Avvocati internazionali che rappresentano il governo della Repubblica Democratica del Congo affermano di avere prove secondo le quali Apple otterrebbe minerali provenienti da zone di conflitto nel Congo orientale.
Lo riferisce Reuters spiegando che gli avvocati prima citati vogliono conoscere dettagli sulla gestione della catena di approvvigionamento della Mela, riferendo ancora di stare vagliando “opzioni legali”.
Lo scorso mese il governo della Repubblica democratica del Congo ha segnalato a Apple timori relativi aif ornitori di quest’ultima, riferendo di minerali provenienti da zone di conflitto. Il 22 aprile un gruppo di legali internazionali in nome e per conto dello Stato congolese ha inviato un elenco di domande a Apple, esigendo risposte entro tre settimane, stando a quanto riportato in una dichiarazione sul sito web dell’avvocato Robert Amsterdam. La dichiarazione arriva in concomitanza della pubblicazione di un report che accusa la confinante Ruanda di riciclare stagno, tungsteno e tantalio – minerali conosciuti come “le 3 T” (dalle loro iniziali in inglese), minerali presenti in tutti i prodotti elettronici di consumo, ma usati anche in settori quali gioielleria, settore automobilistico, aerospaziale, attrezzature mediche, ecc.
“Anno dopo anno Apple vende tecnologia realizzata con minerali ottenuti da aree nelle quali le popolazioni sono devastate da gravi violazioni dei diritti umani”, scrive Amsterdam sul suo blog. “Benché Apple affermi di controllare l’origine dei minerali usati per realizzare suoi prodotti, tali affermazioni non sembrano basate su prove concrete e verificabili”, continua il legale. “Gli occhi del mondo sono ampiamente chiusi: la produzione di questi tre minerali chiave in Ruanda è prossima alla zero ma le grandi aziende del mondo IT continuano a indicare che i loro minerali arrivano dal Ruanda” (quest’ultimo è uno dei maggiori esportatori di minerali “incriminanti” al mondo, nonostante abbia poche miniere di produzione propria).
Il sito Nigrizia scrive che la ministro delle Miniere della Repubblica democratica ddel Congo, Antoinette N’Samba Kalambayi, lo scorso 8 maggio ha chiesto un embargo globale sulle esportazioni di minerali dal Ruanda: “Tutti i prodotti minerari del Rwanda dovrebbero essere considerati ‘minerali di sangue’ perché la loro vendita alimenta il conflitto nella parte orientale della Repubblica del Congo”. E ancora: “Tutte le parti interessate, compresi i consumatori finali dei prodotti minerari devono impegnarsi a rispettare una catena di approvvigionamento responsabile e deve essere imposto un embargo contro il Rwanda”. L’appello della ministra congolese fa seguito a una serie di interventi di pressione del governo nei confronti di ‘agenti esterni’ direttamente o indirettamente coinvolti mercato dei minerali.
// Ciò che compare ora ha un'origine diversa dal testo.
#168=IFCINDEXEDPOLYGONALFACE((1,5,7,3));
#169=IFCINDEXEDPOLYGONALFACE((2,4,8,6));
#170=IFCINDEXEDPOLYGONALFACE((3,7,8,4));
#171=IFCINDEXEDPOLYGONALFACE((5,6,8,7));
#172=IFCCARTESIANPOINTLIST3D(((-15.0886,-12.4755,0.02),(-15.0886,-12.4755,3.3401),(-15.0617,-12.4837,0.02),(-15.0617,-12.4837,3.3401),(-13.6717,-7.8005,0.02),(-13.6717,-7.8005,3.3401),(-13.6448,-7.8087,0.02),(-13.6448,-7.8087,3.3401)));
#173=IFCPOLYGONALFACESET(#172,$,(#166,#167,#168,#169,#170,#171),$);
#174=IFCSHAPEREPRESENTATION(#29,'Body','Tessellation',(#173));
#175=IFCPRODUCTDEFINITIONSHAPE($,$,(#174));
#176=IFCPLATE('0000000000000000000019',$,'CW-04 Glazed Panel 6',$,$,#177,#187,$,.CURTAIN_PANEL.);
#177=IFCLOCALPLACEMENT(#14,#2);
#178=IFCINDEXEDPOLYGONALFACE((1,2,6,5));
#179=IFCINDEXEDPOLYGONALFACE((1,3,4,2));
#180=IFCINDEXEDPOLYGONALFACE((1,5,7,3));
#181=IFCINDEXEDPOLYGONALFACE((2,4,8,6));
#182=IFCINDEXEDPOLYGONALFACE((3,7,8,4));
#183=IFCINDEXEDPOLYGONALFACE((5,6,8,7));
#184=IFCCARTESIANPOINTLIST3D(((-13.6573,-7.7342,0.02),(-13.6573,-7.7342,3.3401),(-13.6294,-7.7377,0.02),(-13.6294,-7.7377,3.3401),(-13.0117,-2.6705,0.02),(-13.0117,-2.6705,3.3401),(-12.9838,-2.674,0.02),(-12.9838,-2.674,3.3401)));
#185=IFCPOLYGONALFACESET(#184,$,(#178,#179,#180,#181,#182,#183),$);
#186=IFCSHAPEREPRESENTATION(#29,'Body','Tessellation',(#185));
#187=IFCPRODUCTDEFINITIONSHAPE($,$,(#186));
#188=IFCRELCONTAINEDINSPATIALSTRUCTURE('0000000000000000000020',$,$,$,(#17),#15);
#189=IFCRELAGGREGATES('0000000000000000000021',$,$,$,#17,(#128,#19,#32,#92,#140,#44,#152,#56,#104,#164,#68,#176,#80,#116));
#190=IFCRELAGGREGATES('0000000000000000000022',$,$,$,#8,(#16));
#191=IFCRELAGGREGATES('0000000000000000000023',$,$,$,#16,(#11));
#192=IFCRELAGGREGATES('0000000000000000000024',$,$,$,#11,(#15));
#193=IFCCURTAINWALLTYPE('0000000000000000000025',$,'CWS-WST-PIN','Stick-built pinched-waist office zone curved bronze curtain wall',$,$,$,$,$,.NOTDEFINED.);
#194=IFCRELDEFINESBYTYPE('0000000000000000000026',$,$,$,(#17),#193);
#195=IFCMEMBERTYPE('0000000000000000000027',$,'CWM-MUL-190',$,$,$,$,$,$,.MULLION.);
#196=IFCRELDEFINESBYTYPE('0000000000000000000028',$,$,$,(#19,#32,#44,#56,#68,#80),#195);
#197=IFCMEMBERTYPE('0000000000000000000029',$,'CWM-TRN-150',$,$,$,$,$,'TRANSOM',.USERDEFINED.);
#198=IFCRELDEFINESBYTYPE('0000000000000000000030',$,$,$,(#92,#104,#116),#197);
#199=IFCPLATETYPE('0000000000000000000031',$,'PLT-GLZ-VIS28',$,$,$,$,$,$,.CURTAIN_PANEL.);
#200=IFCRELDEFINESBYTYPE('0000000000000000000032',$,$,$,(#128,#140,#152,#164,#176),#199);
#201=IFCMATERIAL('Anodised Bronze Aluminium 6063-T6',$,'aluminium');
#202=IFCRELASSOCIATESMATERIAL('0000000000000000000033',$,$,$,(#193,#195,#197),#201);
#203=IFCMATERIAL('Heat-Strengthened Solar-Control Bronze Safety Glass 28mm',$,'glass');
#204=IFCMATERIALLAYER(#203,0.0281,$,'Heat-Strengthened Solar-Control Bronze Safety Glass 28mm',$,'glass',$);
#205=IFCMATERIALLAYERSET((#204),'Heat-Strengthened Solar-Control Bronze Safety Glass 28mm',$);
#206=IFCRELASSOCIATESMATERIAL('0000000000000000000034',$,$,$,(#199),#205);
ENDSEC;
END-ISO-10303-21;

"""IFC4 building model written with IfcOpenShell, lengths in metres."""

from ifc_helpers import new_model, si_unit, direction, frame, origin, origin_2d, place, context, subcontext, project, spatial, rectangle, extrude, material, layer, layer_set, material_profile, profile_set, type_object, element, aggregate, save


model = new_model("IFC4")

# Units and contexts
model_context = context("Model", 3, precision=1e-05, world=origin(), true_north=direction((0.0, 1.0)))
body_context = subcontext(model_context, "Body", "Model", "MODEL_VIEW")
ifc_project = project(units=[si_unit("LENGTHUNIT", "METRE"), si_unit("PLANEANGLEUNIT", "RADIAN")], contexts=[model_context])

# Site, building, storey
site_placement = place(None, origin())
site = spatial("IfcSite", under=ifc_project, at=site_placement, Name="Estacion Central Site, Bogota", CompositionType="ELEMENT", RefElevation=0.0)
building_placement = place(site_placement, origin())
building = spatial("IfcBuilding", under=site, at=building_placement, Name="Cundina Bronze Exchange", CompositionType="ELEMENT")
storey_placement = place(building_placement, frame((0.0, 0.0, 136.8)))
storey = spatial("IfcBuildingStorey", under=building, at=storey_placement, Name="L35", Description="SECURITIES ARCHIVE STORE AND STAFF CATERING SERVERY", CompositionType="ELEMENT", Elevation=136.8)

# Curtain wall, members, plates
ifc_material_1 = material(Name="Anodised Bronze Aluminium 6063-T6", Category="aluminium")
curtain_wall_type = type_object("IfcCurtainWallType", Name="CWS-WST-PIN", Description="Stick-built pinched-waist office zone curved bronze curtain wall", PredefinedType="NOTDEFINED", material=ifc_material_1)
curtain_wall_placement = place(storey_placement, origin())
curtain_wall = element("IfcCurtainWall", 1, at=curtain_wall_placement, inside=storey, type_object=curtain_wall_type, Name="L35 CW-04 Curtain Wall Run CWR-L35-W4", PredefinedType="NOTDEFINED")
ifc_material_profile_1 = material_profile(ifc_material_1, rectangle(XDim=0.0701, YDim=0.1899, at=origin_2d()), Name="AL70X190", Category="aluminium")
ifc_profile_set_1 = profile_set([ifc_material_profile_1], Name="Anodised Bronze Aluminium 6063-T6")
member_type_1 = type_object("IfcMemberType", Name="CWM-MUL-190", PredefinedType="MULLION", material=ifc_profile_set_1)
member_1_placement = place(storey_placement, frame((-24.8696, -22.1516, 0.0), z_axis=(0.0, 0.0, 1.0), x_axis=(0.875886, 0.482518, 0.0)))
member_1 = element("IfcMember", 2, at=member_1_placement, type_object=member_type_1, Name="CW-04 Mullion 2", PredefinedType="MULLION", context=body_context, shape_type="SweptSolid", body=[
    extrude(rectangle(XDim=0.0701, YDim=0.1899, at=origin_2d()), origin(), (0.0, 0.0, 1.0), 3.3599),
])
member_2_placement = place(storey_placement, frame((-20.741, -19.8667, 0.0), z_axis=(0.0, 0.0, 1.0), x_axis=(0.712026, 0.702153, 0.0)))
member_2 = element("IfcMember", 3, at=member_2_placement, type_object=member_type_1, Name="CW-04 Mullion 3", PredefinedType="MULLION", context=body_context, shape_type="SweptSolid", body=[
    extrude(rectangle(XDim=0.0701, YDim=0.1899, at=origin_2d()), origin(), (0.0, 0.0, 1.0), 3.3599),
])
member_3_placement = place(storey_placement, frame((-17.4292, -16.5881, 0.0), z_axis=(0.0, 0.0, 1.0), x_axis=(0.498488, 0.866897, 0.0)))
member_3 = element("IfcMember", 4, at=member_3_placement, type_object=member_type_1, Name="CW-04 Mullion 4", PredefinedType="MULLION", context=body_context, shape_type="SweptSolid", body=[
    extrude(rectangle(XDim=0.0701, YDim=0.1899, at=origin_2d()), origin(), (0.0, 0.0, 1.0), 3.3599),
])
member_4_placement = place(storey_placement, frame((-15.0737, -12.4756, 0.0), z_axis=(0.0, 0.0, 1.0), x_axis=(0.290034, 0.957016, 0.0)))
Tra questi Apple, accusata di impiegare minerali che si ritiene siano contrabbandati dal Congo.
Non è la prima volta che Apple è accusata di usare “minerali di conflitto”, provenienti da zone del mondo in cui sono in corso conflitti e che influiscono sull’estrazione e sul commercio degli stessi. La commercializzazione di questi minerali è una importante fonte di finanziamento per i signori della guerra nella regione della Repubblica democratica del Congo e comportya un aumento della violenza che affligge la regione da decenni.
Apple effettua ogni anno degli audit, impegnandosi a ottenere materiali Conflict-free e fa parte della Public-Private Alliance for Responsible Minerals Trade, un’iniziativa congiunta con cui governi, imprese e privati affrontano il problema dei cosiddetti “minerali insanguinati” nella Repubblica Democratica del Congo. Più volte ha interrotto rapporti di lavoro con fornitori dell’area geografica in questione, rilevando preoccupazioni per le loro attività minerarie in aree di conflitto armato.